Are There Pitfalls To Using Ensembles And Data Augmentation Together?

Data Augmentation

3 main points
✔️ Discovered that calibration may be degraded when combining Ensemble Data Augmentation
✔️ Investigated the above issues and identified the reasons for poor calibration performance
✔️ Proposed a new data augmentation method "CAMixup" to avoid the above problems

Combining Ensembles and Data Augmentation can Harm your Calibration
written by Yeming WenGhassen JerfelRafael MullerMichael W. DusenberryJasper SnoekBalaji LakshminarayananDustin Tran
(Submitted on 19 Oct 2020)
Comments: Accepted to ICLR 2021.
Subjects: Machine Learning (cs.LG); Machine Learning (stat.ML)

First of all

Ensemble methods, which use the predictive average of multiple models, and Data Augmentation, which increases the amount of data used for training, are often used to improve the calibration and robustness of models.

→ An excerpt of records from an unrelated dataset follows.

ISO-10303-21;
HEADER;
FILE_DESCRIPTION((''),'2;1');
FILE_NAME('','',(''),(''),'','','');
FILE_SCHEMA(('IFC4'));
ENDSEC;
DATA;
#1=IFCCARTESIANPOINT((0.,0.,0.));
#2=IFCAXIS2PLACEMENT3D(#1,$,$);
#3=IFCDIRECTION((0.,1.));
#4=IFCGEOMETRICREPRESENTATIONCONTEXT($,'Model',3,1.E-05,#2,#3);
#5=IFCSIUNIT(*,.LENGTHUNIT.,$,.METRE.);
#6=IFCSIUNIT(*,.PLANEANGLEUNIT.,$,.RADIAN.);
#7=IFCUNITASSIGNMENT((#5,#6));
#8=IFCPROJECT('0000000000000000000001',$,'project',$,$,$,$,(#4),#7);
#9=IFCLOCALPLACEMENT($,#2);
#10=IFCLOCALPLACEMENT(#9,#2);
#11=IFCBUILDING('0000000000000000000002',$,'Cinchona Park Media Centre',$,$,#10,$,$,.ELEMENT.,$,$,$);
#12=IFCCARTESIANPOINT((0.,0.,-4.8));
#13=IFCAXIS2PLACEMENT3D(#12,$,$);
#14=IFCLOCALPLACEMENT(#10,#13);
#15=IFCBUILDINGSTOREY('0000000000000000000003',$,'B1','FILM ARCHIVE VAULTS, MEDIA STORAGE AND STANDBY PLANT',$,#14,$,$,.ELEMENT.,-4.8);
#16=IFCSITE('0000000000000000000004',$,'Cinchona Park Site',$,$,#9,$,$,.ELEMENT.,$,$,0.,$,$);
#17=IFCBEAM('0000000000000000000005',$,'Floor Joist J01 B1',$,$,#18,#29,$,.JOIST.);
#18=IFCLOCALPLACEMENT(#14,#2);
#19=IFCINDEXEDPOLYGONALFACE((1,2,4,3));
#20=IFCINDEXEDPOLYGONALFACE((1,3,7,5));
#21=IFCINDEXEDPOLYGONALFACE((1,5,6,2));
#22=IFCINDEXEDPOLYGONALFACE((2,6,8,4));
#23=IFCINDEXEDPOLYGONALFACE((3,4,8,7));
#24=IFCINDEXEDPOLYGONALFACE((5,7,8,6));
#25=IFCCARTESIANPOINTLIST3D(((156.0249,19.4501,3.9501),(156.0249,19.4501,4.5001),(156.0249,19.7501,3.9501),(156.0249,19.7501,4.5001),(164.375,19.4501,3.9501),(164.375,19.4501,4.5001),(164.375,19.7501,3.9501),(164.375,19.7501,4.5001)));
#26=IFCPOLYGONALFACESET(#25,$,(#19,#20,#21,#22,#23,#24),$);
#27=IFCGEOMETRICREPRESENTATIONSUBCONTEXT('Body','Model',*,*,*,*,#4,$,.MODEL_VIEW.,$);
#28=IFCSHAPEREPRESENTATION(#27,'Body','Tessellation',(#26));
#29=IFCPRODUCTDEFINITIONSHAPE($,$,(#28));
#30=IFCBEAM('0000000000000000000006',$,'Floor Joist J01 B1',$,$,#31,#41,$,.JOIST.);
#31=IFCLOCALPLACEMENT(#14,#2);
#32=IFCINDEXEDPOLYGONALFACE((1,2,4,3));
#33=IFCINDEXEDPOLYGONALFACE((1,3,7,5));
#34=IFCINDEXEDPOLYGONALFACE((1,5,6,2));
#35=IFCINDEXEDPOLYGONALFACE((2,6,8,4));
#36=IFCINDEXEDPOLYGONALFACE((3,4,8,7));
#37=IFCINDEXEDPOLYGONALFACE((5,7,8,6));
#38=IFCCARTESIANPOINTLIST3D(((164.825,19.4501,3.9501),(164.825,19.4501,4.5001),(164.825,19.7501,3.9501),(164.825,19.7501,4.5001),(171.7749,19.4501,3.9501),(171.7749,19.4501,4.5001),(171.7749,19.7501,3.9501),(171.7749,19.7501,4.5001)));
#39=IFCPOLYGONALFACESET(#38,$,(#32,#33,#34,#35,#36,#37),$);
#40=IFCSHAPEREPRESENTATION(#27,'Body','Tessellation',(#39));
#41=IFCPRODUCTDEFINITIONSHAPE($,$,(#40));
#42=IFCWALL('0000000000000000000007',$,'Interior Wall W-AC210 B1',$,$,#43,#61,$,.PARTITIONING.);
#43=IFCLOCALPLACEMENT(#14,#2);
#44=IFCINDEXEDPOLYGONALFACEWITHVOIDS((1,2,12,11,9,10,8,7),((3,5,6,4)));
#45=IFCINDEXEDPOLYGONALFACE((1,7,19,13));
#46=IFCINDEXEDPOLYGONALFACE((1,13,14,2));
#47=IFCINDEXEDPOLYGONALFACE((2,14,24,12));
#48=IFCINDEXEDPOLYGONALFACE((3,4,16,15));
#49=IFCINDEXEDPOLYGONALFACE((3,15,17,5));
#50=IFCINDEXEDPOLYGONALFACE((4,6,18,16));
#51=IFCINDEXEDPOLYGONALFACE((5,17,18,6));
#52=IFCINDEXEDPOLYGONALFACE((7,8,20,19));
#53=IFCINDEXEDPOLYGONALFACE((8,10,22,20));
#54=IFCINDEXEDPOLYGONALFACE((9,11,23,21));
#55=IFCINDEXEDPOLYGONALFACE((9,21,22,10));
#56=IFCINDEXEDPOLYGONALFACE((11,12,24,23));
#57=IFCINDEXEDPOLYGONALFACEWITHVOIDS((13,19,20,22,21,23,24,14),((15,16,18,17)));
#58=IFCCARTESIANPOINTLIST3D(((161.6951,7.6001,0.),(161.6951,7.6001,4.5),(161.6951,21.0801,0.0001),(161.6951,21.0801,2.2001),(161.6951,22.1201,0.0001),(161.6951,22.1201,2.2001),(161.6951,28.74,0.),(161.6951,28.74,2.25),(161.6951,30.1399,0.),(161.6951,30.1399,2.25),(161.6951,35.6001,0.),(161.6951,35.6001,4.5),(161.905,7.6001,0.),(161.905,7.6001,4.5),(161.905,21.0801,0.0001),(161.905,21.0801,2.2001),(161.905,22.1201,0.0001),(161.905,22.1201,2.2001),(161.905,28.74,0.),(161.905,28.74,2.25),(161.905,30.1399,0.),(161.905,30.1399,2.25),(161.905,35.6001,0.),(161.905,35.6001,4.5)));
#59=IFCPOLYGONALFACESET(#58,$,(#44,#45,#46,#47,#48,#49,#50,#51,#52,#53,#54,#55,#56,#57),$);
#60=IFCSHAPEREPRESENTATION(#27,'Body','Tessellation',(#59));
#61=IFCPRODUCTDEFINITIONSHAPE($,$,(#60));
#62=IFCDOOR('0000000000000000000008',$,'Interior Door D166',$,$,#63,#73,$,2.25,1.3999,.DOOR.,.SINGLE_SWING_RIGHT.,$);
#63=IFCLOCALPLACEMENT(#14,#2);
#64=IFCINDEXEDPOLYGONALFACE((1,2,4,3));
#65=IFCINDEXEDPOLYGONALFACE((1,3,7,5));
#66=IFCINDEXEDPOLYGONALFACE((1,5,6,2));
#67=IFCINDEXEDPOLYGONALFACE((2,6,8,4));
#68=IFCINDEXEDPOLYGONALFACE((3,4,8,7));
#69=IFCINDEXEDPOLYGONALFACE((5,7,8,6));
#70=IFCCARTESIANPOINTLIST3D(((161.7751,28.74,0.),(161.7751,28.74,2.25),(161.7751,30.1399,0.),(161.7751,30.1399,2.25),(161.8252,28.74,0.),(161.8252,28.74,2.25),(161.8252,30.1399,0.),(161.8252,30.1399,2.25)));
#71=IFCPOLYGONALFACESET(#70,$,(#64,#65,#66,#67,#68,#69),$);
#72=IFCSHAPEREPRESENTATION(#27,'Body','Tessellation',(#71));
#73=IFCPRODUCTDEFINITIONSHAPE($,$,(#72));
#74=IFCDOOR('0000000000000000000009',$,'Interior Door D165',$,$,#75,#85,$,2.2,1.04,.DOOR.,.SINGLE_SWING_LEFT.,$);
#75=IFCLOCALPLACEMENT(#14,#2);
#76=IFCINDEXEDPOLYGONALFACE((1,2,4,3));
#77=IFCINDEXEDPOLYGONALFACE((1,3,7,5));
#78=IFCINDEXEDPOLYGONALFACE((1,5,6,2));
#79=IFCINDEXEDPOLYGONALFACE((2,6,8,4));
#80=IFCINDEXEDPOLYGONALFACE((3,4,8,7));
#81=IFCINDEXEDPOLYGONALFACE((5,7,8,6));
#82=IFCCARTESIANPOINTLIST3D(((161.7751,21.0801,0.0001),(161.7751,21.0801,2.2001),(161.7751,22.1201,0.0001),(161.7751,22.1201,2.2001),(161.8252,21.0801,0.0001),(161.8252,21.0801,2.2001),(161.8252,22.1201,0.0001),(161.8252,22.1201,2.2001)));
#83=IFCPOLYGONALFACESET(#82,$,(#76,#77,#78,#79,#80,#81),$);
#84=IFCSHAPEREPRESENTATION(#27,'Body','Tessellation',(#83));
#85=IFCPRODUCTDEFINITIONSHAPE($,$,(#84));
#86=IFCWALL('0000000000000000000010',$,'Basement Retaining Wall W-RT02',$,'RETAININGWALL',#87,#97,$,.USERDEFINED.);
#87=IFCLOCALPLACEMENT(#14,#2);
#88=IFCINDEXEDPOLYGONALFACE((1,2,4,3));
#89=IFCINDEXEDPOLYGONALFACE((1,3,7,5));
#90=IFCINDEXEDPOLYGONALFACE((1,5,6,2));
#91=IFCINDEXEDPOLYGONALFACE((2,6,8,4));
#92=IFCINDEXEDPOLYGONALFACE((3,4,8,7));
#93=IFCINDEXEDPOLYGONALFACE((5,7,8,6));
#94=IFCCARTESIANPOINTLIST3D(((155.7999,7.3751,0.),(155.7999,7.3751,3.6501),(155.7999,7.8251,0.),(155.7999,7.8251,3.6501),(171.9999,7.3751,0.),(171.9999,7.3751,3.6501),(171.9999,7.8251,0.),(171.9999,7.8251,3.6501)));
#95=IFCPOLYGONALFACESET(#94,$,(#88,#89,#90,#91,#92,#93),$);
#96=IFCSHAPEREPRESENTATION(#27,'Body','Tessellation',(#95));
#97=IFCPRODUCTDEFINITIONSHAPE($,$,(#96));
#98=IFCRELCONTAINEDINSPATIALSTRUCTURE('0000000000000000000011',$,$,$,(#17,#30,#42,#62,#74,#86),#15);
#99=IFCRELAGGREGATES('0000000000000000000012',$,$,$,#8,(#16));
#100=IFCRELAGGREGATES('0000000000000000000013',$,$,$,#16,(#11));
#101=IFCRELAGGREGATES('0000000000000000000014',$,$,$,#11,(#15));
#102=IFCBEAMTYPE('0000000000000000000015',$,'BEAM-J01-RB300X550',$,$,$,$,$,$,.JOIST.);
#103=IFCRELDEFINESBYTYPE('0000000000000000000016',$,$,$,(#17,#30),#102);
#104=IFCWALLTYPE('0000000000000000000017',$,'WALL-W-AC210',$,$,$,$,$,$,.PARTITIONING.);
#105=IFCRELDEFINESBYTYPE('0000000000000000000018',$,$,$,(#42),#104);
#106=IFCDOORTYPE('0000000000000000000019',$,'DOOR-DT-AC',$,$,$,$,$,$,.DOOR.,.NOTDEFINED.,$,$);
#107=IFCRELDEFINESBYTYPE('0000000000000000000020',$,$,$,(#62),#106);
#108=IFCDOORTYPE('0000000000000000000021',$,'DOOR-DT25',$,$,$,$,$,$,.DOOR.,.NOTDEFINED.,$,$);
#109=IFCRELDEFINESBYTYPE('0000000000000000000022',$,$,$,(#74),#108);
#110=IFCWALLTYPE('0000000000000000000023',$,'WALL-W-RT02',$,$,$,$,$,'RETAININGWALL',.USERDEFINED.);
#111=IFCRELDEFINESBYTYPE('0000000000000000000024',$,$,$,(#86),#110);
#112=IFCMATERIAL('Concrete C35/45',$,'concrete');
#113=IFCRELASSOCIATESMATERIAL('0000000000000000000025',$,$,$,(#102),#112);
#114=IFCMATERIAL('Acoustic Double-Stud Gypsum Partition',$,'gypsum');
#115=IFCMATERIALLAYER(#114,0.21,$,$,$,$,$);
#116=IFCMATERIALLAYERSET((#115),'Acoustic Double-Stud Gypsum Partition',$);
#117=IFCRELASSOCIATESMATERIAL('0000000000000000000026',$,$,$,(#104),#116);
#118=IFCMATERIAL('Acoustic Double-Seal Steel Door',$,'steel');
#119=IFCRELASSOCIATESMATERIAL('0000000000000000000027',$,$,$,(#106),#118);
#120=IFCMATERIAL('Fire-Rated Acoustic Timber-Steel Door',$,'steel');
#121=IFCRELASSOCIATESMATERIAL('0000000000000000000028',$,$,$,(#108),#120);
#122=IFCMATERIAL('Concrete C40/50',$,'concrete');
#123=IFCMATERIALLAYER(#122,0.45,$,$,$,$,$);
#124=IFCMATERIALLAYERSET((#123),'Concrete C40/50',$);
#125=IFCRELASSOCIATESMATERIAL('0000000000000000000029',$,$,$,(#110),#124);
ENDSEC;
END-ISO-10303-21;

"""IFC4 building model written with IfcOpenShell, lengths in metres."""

from ifc_helpers import new_model, si_unit, direction, frame, frame_2d, origin, origin_2d, place, context, subcontext, project, spatial, rectangle, extrude, material, layer, layer_set, material_profile, profile_set, type_object, element, fill, save


model = new_model("IFC4")

# Units and contexts
model_context = context("Model", 3, precision=1e-05, world=origin(), true_north=direction((0.0, 1.0)))
body_context = subcontext(model_context, "Body", "Model", "MODEL_VIEW")
ifc_project = project(units=[si_unit("LENGTHUNIT", "METRE"), si_unit("PLANEANGLEUNIT", "RADIAN")], contexts=[model_context])

# Site, building, storey
site_placement = place(None, origin())
site = spatial("IfcSite", under=ifc_project, at=site_placement, Name="Cinchona Park Site", CompositionType="ELEMENT", RefElevation=0.0)
building_placement = place(site_placement, origin())
building = spatial("IfcBuilding", under=site, at=building_placement, Name="Cinchona Park Media Centre", CompositionType="ELEMENT")
storey_placement = place(building_placement, frame((0.0, 0.0, -4.8)))
storey = spatial("IfcBuildingStorey", under=building, at=storey_placement, Name="B1", Description="FILM ARCHIVE VAULTS, MEDIA STORAGE AND STANDBY PLANT", CompositionType="ELEMENT", Elevation=-4.8)

# Beams
ifc_material_1 = material(Name="Concrete C35/45", Category="concrete")
ifc_material_profile_1 = material_profile(ifc_material_1, rectangle(XDim=0.3, YDim=0.55, at=origin_2d()), Name="RB 300X550")
ifc_profile_set_1 = profile_set([ifc_material_profile_1], Name="Concrete C35/45")
beam_type_1 = type_object("IfcBeamType", Name="BEAM-J01-RB300X550", PredefinedType="JOIST", material=ifc_profile_set_1)
beam_1_placement = place(storey_placement, frame((156.0249, 19.6001, 4.2251), z_axis=(1.0, 0.0, 0.0), x_axis=(0.0, 1.0, 0.0)))
element("IfcBeam", 1, at=beam_1_placement, inside=storey, type_object=beam_type_1, Name="Floor Joist J01 B1", PredefinedType="JOIST", context=body_context, shape_type="SweptSolid", body=[
    extrude(rectangle(XDim=0.3, YDim=0.55, at=origin_2d()), origin(), (0.0, 0.0, 1.0), 8.3501),
])
beam_2_placement = place(storey_placement, frame((164.825, 19.6001, 4.2251), z_axis=(1.0, 0.0, 0.0), x_axis=(0.0, 1.0, 0.0)))
element("IfcBeam", 2, at=beam_2_placement, inside=storey, type_object=beam_type_1, Name="Floor Joist J01 B1", PredefinedType="JOIST", context=body_context, shape_type="SweptSolid", body=[
    extrude(rectangle(XDim=0.3, YDim=0.55, at=origin_2d()), origin(), (0.0, 0.0, 1.0), 6.95),
])

# Wall, openings, doors
ifc_material_2 = material(Name="Acoustic Double-Stud Gypsum Partition", Category="gypsum")
ifc_layer_1 = layer(ifc_material_2, 0.21)
ifc_layer_set_1 = layer_set([ifc_layer_1], Name="Acoustic Double-Stud Gypsum Partition")
wall_type_1 = type_object("IfcWallType", Name="WALL-W-AC210", PredefinedType="PARTITIONING", material=ifc_layer_set_1)
wall_1_placement = place(storey_placement, frame((161.8, 7.6001, 0.0), z_axis=(0.0, 0.0, 1.0), x_axis=(0.0, 1.0, 0.0)))
wall_1 = element("IfcWall", 3, at=wall_1_placement, inside=storey, type_object=wall_type_1, Name="Interior Wall W-AC210 B1", PredefinedType="PARTITIONING", context=body_context, shape_type="SweptSolid", body=[
    extrude(rectangle(XDim=28.0, YDim=0.21, at=frame_2d((14.0, 0.0))), origin(), (0.0, 0.0, 1.0), 4.5),
])
opening_1_placement = place(wall_1_placement, frame((13.48, 0.0, 0.0)))
opening_1 = element("IfcOpeningElement", 4, at=opening_1_placement, cuts=wall_1, PredefinedType="OPENING", context=body_context, shape_type="SweptSolid", body=[
    extrude(rectangle(XDim=1.04, YDim=2.2, at=frame_2d((0.52, 1.1001))), frame((0.0, 0.115, 0.0), z_axis=(0.0, -1.0, 0.0), x_axis=(1.0, 0.0, 0.0)), (0.0, 0.0, 1.0), 0.23),
])
opening_2_placement = place(wall_1_placement, frame((21.1399, 0.0, 0.0)))
opening_2 = element("IfcOpeningElement", 5, at=opening_2_placement, cuts=wall_1, PredefinedType="OPENING", context=body_context, shape_type="SweptSolid", body=[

However, in the paper presented in this article, it is shown that the combination of these two methods can have a negative impact on the calibration of the model. In addition, the phenomenon of such calibration degradation was investigated and a method to avoid it, CAMixup, was proposed.

Preliminary preparation (calibration, ensemble, data enhancement)

Before explaining the negative effects of combining ensemble data augmentation, some preliminary knowledge is introduced.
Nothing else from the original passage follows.